最高裁平成9年7月15日判決は、損害賠償請求との相殺後の報酬残債務について、「相殺の意思表示をした日の翌日から履行遅滞による責任を負うものと解するのが相当である」としました。実務的には、相殺後に残代金が残るような事案において、相殺の意思表示を安易にしてしまうと、遅延損害金がその時点から発生してしまうことになるので、相殺の主張は安易にしない方が良いということになります。
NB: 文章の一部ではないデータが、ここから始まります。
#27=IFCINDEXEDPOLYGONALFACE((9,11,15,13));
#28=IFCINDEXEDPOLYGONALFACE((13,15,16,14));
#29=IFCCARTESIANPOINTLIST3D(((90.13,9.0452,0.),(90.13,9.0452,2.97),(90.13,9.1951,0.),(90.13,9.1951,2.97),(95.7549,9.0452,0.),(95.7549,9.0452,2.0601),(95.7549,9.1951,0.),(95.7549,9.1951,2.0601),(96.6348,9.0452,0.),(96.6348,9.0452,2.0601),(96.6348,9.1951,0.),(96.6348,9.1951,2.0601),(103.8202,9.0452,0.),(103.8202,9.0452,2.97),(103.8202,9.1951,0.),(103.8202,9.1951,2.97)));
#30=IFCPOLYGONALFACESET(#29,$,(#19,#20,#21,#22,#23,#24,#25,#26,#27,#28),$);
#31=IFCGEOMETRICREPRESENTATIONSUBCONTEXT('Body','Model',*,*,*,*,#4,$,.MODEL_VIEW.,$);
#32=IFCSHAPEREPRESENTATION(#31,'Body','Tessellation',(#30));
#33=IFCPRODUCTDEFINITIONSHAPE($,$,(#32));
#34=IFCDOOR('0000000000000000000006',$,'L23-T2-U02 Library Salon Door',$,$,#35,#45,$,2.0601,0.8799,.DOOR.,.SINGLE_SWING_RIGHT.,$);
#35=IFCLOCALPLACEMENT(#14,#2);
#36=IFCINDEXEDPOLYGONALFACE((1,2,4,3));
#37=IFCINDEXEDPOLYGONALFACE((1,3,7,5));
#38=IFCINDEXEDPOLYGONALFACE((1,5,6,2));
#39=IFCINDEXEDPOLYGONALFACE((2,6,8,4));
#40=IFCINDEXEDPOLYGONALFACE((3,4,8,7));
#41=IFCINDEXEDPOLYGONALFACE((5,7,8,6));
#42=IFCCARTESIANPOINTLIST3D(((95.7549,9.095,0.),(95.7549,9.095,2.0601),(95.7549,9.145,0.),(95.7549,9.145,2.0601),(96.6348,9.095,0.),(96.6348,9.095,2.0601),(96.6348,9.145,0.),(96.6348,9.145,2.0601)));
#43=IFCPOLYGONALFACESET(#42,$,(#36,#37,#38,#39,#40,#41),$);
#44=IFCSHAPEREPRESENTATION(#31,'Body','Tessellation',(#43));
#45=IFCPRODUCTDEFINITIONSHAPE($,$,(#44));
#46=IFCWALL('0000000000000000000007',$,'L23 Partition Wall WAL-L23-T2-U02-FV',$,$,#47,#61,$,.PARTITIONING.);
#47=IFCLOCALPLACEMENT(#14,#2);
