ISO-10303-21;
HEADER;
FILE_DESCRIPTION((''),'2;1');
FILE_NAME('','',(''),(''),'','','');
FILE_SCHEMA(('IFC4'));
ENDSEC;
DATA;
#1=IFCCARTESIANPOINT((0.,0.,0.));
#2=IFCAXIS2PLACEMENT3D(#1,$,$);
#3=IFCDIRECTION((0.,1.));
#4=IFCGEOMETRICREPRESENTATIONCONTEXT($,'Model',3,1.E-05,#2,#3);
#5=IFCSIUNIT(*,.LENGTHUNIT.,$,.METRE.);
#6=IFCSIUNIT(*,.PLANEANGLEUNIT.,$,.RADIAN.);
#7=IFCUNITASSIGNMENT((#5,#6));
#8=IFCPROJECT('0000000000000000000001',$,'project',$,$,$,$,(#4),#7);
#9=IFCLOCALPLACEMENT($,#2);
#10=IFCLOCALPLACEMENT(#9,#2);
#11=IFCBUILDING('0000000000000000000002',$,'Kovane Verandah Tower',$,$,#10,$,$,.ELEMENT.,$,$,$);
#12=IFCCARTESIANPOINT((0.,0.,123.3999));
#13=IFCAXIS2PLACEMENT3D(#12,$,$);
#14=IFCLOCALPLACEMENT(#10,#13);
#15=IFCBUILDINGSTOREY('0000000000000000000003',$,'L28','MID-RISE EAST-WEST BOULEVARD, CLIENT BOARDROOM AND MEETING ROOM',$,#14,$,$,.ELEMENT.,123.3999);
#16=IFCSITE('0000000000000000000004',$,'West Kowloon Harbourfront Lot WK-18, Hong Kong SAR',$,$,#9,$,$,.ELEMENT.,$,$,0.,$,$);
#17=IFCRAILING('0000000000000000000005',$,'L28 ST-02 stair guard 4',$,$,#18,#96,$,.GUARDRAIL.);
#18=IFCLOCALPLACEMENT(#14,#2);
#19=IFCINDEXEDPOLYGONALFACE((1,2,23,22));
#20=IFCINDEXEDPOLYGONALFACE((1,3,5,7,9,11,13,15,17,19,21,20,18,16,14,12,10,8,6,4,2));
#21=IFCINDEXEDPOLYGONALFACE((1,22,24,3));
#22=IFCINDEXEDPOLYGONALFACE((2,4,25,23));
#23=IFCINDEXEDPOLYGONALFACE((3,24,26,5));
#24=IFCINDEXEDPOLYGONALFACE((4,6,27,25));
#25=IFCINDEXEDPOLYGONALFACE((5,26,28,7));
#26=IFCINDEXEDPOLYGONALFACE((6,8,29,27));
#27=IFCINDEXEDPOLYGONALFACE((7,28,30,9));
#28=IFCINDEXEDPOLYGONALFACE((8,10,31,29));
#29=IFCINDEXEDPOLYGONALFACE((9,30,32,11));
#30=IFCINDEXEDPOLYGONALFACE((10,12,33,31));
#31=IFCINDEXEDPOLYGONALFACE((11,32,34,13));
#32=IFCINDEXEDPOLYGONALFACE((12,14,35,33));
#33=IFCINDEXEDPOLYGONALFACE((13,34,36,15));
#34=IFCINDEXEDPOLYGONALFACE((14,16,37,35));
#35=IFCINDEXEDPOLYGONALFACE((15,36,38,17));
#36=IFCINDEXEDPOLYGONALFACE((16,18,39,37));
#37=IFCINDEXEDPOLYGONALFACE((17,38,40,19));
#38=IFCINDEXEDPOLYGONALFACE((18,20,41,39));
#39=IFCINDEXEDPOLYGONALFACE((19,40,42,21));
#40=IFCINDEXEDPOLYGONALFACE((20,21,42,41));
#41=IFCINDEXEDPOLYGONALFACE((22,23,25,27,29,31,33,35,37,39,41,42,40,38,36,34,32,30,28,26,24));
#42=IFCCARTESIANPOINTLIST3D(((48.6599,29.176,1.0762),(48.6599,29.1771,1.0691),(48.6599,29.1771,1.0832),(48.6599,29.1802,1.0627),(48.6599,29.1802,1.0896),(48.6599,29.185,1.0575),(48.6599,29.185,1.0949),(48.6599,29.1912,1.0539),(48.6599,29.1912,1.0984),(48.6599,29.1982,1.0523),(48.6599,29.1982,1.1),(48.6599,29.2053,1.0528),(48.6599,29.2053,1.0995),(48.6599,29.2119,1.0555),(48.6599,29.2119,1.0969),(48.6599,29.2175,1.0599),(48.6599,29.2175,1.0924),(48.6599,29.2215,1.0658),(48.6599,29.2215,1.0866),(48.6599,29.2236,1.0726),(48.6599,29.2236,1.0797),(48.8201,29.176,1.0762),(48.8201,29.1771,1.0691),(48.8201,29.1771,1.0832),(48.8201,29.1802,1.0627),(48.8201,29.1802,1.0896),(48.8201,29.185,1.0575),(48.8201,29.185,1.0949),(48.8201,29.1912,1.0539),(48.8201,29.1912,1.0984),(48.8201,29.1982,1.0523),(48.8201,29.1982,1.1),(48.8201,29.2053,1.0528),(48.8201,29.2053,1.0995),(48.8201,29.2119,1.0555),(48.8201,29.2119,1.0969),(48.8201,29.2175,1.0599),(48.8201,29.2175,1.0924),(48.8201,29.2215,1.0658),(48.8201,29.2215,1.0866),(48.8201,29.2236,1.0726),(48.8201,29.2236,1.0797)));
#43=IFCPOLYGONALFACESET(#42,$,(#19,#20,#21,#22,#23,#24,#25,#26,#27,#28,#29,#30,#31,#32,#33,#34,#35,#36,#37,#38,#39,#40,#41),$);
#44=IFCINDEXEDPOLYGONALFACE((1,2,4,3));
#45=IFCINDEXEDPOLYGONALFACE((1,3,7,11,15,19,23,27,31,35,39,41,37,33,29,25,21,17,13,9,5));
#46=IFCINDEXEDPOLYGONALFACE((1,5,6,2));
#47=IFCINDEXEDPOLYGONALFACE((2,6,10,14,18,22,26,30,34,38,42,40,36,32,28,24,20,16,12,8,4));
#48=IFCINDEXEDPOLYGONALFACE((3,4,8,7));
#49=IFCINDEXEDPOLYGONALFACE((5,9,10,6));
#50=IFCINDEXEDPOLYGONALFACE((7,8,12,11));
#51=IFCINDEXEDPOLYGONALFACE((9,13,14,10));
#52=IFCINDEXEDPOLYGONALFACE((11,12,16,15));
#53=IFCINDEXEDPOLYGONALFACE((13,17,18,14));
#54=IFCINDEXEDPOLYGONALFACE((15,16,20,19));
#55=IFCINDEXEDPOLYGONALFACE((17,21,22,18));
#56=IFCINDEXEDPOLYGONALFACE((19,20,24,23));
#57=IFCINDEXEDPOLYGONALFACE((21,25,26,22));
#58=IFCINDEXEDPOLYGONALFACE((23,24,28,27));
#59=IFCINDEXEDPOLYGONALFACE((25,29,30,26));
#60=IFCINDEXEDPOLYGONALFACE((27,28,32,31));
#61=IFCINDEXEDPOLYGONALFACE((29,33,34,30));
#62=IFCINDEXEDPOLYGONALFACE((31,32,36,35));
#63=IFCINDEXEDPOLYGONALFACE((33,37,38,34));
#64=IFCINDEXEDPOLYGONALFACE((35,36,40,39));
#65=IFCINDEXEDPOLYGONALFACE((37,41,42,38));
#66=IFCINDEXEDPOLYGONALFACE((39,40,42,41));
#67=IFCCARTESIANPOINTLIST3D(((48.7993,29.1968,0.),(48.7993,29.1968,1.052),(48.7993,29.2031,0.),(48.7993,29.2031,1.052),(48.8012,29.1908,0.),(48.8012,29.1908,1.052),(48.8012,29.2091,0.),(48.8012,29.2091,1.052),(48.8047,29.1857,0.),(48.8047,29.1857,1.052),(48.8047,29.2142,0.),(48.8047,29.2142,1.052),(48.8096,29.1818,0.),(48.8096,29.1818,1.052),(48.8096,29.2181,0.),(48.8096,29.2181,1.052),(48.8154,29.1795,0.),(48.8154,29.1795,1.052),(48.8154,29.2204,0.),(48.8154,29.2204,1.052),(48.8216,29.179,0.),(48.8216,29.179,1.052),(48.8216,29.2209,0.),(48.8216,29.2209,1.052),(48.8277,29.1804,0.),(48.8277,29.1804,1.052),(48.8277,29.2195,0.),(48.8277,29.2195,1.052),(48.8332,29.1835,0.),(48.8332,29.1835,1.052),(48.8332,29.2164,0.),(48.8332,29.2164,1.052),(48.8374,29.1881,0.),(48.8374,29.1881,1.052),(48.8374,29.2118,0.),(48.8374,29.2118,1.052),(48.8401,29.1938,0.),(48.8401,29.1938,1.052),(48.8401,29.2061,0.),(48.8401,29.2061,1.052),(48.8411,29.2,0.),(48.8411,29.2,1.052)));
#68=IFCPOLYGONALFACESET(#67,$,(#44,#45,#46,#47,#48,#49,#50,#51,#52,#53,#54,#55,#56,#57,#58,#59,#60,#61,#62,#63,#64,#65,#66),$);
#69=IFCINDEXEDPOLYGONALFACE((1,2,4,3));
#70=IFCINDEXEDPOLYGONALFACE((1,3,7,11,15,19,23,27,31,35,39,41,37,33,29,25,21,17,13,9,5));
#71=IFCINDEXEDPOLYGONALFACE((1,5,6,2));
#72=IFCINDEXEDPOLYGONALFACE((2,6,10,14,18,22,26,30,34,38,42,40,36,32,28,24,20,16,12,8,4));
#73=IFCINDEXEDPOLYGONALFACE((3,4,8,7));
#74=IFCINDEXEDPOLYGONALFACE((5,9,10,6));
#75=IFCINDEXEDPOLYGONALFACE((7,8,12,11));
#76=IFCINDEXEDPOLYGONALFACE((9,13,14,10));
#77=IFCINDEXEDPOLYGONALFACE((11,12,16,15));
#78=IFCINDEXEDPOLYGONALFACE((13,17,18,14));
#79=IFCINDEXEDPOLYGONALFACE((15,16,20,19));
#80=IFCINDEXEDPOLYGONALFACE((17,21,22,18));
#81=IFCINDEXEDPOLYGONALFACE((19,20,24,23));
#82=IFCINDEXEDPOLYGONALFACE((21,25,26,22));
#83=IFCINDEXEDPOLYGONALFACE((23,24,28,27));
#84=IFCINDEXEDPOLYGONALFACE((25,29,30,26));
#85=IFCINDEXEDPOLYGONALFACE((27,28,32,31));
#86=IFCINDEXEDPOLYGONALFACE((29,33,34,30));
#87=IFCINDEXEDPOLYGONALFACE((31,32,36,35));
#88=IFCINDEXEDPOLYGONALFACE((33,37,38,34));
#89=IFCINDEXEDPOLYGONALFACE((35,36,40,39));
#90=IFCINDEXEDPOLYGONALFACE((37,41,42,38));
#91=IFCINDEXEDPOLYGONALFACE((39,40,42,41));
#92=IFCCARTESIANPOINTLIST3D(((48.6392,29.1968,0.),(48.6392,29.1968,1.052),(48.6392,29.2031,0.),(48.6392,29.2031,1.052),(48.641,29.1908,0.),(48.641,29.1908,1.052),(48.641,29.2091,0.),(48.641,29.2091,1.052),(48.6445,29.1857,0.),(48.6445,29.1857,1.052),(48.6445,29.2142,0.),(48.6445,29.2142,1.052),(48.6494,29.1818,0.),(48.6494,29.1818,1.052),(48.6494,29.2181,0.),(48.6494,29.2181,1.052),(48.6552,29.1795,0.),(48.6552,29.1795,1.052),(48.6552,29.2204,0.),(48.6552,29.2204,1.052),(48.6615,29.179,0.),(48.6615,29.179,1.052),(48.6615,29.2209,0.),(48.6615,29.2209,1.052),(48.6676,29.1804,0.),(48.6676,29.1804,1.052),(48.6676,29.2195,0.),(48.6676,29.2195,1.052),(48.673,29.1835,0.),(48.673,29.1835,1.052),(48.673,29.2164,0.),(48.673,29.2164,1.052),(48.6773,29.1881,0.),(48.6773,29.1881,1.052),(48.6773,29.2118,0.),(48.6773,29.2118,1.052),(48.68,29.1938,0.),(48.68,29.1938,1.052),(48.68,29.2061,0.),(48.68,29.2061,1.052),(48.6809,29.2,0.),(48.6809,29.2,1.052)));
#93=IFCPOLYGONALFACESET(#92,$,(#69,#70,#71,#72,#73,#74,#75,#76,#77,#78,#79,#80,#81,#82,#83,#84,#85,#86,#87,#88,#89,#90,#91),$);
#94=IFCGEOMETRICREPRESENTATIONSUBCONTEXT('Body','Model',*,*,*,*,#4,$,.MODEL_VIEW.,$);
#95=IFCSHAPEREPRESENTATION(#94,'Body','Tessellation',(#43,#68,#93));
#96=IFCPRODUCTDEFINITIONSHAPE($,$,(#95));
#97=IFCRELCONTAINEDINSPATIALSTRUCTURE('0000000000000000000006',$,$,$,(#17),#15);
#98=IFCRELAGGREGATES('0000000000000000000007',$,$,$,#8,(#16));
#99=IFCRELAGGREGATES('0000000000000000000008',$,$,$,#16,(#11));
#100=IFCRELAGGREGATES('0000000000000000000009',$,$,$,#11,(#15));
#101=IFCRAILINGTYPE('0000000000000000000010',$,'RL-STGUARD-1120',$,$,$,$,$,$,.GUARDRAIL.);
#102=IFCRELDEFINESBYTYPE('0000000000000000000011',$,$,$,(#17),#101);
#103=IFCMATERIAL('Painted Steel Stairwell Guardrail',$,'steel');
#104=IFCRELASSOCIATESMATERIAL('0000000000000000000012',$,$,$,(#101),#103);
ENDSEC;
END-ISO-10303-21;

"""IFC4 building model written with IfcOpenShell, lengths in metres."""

from ifc_helpers import new_model, si_unit, direction, frame, origin, origin_2d, place, context, subcontext, project, spatial, circle, extrude, material, type_object, element, save


model = new_model("IFC4")

# Units and contexts
model_context = context("Model", 3, precision=1e-05, world=origin(), true_north=direction((0.0, 1.0)))
body_context = subcontext(model_context, "Body", "Model", "MODEL_VIEW")
ifc_project = project(units=[si_unit("LENGTHUNIT", "METRE"), si_unit("PLANEANGLEUNIT", "RADIAN")], contexts=[model_context])

# Site, building, storey
site_placement = place(None, origin())
site = spatial("IfcSite", under=ifc_project, at=site_placement, Name="West Kowloon Harbourfront Lot WK-18, Hong Kong SAR", CompositionType="ELEMENT", RefElevation=0.0)
building_placement = place(site_placement, origin())
building = spatial("IfcBuilding", under=site, at=building_placement, Name="Kovane Verandah Tower", CompositionType="ELEMENT")
storey_placement = place(building_placement, frame((0.0, 0.0, 123.3999)))
storey = spatial("IfcBuildingStorey", under=building, at=storey_placement, Name="L28", Description="MID-RISE EAST-WEST BOULEVARD, CLIENT BOARDROOM AND MEETING ROOM", CompositionType="ELEMENT", Elevation=123.3999)

# Railing
ifc_material_1 = material(Name="Painted Steel Stairwell Guardrail", Category="steel")
railing_type_1 = type_object("IfcRailingType", Name="RL-STGUARD-1120", PredefinedType="GUARDRAIL", material=ifc_material_1)
railing_1_placement = place(storey_placement, frame((48.8201, 29.2, 0.0)))
element("IfcRailing", 1, at=railing_1_placement, inside=storey, type_object=railing_type_1, Name="L28 ST-02 stair guard 4", PredefinedType="GUARDRAIL", context=body_context, shape_type="SweptSolid", body=[
    extrude(circle(Radius=0.0239, at=origin_2d()), frame((0.0, 0.0, 1.0762), z_axis=(-1.0, 0.0, 0.0), x_axis=(0.0, -1.0, 0.0)), (0.0, 0.0, 1.0), 0.1602),
    extrude(circle(Radius=0.021, at=origin_2d()), origin(), (0.0, 0.0, 1.0), 1.052),
    extrude(circle(Radius=0.021, at=origin_2d()), frame((-0.1602, 0.0, 0.0)), (0.0, 0.0, 1.0), 1.052),
])

save(model, "model.ifc")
最高裁平成14年9月24日判決は、「建築請負の仕事の目的物である建物に重大な瑕疵があるためにこれを立て替えざるを得ない場合には、注文者は、請負人に対し、建物の建て替えに要する費用相当額を損害としてその賠償を請求することができる」としました。この判決が出されるまでは、請負契約の瑕疵担保責任において解除が認められていないこととの関係で、建替費用相当額の損害賠償が認められるかどうかについては争いがありましたが、本判決が積極説をとることにより、消費者保護の判断が示されました。将来的には、民法635条但書の解釈に関連して注目されるところです。

最高裁平成15年10月10日判決は、主観的瑕疵を正面から認めた判決です。原審では、建築基準法上の違反がなかったことから、瑕疵を認めなかったのに対し、本判決では、地震に強い建物を建てるために、約定で特に定められた太さの支柱を使わなかった点について、その主観的瑕疵を認める判断を出しました。
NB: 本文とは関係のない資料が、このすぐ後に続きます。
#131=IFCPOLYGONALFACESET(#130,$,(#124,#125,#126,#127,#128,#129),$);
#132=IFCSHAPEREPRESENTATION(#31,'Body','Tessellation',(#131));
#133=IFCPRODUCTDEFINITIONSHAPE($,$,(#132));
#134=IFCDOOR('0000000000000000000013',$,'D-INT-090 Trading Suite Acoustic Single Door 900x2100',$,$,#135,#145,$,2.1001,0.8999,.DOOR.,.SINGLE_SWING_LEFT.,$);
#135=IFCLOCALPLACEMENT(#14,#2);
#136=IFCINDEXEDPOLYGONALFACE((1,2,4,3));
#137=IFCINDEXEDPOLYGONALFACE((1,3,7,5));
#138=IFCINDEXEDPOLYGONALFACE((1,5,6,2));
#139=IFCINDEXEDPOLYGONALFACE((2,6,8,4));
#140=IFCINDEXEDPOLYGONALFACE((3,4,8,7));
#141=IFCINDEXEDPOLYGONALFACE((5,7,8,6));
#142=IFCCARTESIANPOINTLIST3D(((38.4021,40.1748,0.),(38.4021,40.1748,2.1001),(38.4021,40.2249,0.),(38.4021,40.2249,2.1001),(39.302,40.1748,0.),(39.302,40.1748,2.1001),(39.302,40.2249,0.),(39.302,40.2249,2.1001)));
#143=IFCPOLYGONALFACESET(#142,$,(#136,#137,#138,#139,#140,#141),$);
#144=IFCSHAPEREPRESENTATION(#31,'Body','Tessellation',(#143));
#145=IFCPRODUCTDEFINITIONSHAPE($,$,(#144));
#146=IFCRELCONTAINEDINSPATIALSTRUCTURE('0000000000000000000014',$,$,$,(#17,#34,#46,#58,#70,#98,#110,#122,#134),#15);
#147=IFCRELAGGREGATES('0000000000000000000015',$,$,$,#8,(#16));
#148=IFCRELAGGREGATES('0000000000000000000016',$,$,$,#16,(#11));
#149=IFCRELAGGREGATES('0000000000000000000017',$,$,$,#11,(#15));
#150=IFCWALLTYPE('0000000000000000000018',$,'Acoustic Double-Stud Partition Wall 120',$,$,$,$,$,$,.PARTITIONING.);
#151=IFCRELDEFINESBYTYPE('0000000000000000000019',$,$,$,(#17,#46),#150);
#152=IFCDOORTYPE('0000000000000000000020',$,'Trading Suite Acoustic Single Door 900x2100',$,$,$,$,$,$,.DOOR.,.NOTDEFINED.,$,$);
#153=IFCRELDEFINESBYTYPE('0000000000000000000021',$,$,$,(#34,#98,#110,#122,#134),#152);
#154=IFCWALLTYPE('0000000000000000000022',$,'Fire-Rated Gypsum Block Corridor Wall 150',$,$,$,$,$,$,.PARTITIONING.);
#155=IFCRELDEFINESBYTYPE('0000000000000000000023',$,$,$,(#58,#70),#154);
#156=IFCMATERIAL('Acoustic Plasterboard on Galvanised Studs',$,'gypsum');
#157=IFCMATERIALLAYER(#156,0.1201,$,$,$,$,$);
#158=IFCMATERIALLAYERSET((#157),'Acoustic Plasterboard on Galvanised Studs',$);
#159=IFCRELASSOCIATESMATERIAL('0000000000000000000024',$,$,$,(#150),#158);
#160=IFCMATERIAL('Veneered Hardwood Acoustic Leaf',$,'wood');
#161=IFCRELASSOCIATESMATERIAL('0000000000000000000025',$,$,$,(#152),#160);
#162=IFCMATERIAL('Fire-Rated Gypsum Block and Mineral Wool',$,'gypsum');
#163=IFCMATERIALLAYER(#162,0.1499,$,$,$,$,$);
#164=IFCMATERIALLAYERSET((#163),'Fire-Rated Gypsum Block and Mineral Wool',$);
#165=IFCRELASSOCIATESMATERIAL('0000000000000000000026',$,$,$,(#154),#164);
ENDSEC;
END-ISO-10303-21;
最高裁平成15年11月14日判決は、いわゆる名義貸し(監理放棄)建築士の不法行為責任を容認した裁判例です。従前は、名義貸し建築士の不法行為責任は棄却されていた裁判例が多かったのですが、この本判決においては、建築士による管理の重要性が指摘され、名義貸し、監理放棄に対する不法行為責任を認容しました。

最高裁平成19年7月6日判決は、最高裁が建築瑕疵問題に関する不法行為責任の成立を是認した判決といってよいと思います。原審では不法行為責任を限定的に解釈していたのに対し、最高裁は、建物の建築に携わる設計者、施工者及び工事監理者は、契約関係にない居住者等に対する関係でも、建物の基本的な安全性が欠けることがないように配慮すべき注意義務を負うとしたうえで、居住者等の生命、身体又は財産が侵害された場合には、特段の事情がない限り、瑕疵によって生じた損害について不法行為による損害賠償責任を負うとしました。